Les pays en développement comptent environ 430 millions d’exploitations agricoles de moins de deux hectares. Dans leur immense majorité, elles ne bénéficient d’aucun dispositif d’assurance agricole privée et n’ont pas non plus la possibilité d’avoir recours à des systèmes publics d’indemnisation des calamités agricoles. Pour réduire leur exposition aux risques naturels, ces producteurs s’appuient sur la solidarité communautaire, sur l’épargne de précaution, la diversification des cultures et des sources de revenus. Mais ces pratiques ne les protègent que très partiellement. Elles ont aussi un coût implicite, sous forme de sous-investissement et de moindre rendement. Jusqu’à une date récente, ces agriculteurs étaient considérés comme non assurables : les sommes à couvrir étaient trop faibles et les coûts d’administration, de commercialisation et d’expertise trop élevés.
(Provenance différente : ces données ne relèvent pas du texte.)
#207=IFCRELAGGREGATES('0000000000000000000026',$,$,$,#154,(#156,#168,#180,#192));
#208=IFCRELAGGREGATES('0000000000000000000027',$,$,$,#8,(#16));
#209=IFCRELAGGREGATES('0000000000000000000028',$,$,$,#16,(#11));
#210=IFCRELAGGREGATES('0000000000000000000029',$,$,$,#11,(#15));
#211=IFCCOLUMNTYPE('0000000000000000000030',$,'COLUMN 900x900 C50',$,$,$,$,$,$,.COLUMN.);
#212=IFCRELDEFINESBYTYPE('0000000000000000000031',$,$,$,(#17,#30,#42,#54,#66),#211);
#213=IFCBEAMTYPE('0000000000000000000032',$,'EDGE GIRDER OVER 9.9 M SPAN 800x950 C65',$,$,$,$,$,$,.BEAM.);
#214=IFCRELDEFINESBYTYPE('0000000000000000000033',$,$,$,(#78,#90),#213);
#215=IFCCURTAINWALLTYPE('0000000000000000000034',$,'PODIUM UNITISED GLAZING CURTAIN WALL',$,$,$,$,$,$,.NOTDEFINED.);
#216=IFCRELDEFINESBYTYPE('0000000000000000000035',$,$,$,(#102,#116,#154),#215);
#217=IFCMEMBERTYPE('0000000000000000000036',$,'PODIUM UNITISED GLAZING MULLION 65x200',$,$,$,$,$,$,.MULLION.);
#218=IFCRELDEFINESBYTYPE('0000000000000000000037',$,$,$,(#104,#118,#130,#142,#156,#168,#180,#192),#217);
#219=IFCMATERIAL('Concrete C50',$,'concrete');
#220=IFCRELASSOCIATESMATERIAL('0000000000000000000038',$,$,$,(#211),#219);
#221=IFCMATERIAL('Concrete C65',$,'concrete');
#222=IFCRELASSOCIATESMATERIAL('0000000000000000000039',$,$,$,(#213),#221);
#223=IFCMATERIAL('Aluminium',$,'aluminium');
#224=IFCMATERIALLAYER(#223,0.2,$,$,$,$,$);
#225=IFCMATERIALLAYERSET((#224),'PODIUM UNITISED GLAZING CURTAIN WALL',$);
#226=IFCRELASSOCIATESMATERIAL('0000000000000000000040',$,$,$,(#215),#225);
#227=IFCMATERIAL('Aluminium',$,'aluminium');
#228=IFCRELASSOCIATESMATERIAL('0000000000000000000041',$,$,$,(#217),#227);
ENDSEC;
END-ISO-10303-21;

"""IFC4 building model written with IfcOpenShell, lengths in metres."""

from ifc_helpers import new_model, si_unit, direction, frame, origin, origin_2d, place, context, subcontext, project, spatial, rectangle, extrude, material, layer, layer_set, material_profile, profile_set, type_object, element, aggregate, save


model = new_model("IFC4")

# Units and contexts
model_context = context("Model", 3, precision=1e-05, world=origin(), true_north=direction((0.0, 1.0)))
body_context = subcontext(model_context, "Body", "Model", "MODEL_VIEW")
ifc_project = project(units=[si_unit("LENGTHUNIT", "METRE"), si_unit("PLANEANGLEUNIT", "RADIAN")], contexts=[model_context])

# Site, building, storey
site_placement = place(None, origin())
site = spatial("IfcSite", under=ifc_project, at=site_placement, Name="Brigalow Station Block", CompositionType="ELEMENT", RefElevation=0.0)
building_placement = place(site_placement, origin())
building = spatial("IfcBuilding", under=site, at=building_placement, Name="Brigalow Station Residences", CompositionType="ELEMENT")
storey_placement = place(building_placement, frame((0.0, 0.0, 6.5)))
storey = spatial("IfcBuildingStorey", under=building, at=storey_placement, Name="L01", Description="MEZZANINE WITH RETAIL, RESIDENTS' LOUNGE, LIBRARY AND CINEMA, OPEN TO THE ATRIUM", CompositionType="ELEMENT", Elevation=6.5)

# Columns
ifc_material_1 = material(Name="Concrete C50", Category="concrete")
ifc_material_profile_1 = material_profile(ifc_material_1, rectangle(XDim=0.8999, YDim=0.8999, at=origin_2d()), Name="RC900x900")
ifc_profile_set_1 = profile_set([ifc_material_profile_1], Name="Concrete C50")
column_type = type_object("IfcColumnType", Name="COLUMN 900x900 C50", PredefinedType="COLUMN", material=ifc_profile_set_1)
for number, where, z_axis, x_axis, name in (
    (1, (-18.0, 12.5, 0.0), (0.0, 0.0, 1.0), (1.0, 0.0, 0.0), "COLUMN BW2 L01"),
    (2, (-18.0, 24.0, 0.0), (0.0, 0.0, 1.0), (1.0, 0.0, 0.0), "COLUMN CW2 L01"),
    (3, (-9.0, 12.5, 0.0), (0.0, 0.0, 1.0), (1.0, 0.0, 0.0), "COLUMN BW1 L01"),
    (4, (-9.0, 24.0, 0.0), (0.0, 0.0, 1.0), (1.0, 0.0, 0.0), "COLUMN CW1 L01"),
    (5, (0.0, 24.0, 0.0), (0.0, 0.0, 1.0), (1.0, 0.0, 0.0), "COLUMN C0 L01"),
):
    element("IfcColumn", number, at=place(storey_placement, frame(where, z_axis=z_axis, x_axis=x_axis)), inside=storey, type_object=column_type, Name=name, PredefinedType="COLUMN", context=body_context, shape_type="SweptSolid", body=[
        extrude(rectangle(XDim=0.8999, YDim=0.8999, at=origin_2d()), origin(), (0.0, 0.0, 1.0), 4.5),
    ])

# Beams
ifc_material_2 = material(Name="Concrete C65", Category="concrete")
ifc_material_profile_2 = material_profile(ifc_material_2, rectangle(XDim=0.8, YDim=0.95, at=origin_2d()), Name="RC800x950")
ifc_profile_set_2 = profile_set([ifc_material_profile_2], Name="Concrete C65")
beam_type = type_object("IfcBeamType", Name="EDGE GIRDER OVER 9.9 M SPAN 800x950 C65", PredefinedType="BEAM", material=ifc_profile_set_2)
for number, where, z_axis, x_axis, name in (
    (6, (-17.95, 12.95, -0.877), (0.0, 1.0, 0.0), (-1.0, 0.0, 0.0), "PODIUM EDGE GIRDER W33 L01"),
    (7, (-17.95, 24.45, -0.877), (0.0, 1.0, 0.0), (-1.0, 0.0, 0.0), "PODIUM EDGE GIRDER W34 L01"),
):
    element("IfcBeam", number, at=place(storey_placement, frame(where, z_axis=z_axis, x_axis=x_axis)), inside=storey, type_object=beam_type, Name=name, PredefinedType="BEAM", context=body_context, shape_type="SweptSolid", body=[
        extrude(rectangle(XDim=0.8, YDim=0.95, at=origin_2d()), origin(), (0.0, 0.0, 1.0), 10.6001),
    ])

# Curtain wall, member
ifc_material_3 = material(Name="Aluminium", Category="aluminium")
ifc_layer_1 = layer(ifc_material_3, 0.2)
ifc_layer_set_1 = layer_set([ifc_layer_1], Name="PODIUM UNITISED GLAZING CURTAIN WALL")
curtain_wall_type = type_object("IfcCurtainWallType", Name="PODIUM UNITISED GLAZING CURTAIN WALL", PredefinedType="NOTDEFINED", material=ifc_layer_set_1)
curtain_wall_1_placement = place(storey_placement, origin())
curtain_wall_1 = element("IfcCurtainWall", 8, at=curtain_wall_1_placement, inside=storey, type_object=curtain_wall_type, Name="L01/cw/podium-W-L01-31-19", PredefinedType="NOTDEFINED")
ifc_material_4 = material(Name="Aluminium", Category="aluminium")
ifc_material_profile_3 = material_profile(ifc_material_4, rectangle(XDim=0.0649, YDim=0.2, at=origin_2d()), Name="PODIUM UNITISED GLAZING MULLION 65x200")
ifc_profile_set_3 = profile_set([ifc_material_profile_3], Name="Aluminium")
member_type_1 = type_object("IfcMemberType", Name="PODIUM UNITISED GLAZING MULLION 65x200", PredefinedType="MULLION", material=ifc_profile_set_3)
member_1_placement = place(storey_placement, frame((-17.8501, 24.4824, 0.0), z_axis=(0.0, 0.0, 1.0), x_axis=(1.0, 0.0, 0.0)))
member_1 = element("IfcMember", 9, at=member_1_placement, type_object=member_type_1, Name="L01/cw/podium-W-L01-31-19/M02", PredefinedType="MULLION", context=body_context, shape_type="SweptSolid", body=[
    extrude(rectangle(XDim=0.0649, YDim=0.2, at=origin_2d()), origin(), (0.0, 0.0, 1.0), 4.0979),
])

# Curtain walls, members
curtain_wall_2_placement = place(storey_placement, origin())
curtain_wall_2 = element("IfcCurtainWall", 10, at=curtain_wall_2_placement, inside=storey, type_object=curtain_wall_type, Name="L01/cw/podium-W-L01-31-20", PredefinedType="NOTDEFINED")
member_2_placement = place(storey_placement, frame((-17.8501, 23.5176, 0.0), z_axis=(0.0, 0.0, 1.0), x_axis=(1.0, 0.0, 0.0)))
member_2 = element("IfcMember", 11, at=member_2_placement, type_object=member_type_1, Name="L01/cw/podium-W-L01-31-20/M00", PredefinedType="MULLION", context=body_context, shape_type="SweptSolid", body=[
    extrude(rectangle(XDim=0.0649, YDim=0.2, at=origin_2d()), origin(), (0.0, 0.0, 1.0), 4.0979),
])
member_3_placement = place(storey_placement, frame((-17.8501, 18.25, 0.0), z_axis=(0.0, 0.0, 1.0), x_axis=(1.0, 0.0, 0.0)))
Le développement récent (encadré ci-dessous) de l’assurance indicielle change la donne. Contrairement à l’assurance traditionnelle, qui fait appel à un expert in situ pour évaluer la perte économique lors d’un sinistre, l’assurance indicielle s’appuie sur des données biométriques (fournies par l’imagerie satellitaire ou par des stations météo de surface) ou sur des données de rendement moyen pour modéliser la perte liée par exemple à une pluviométrie insuffisante (schéma ci-contre). En supprimant les coûts d’expertise et en réduisant les coûts d’administration, de distribution et de transaction, cette approche innovante met l’assurance agricole à la portée des petites exploitations des pays en développement.      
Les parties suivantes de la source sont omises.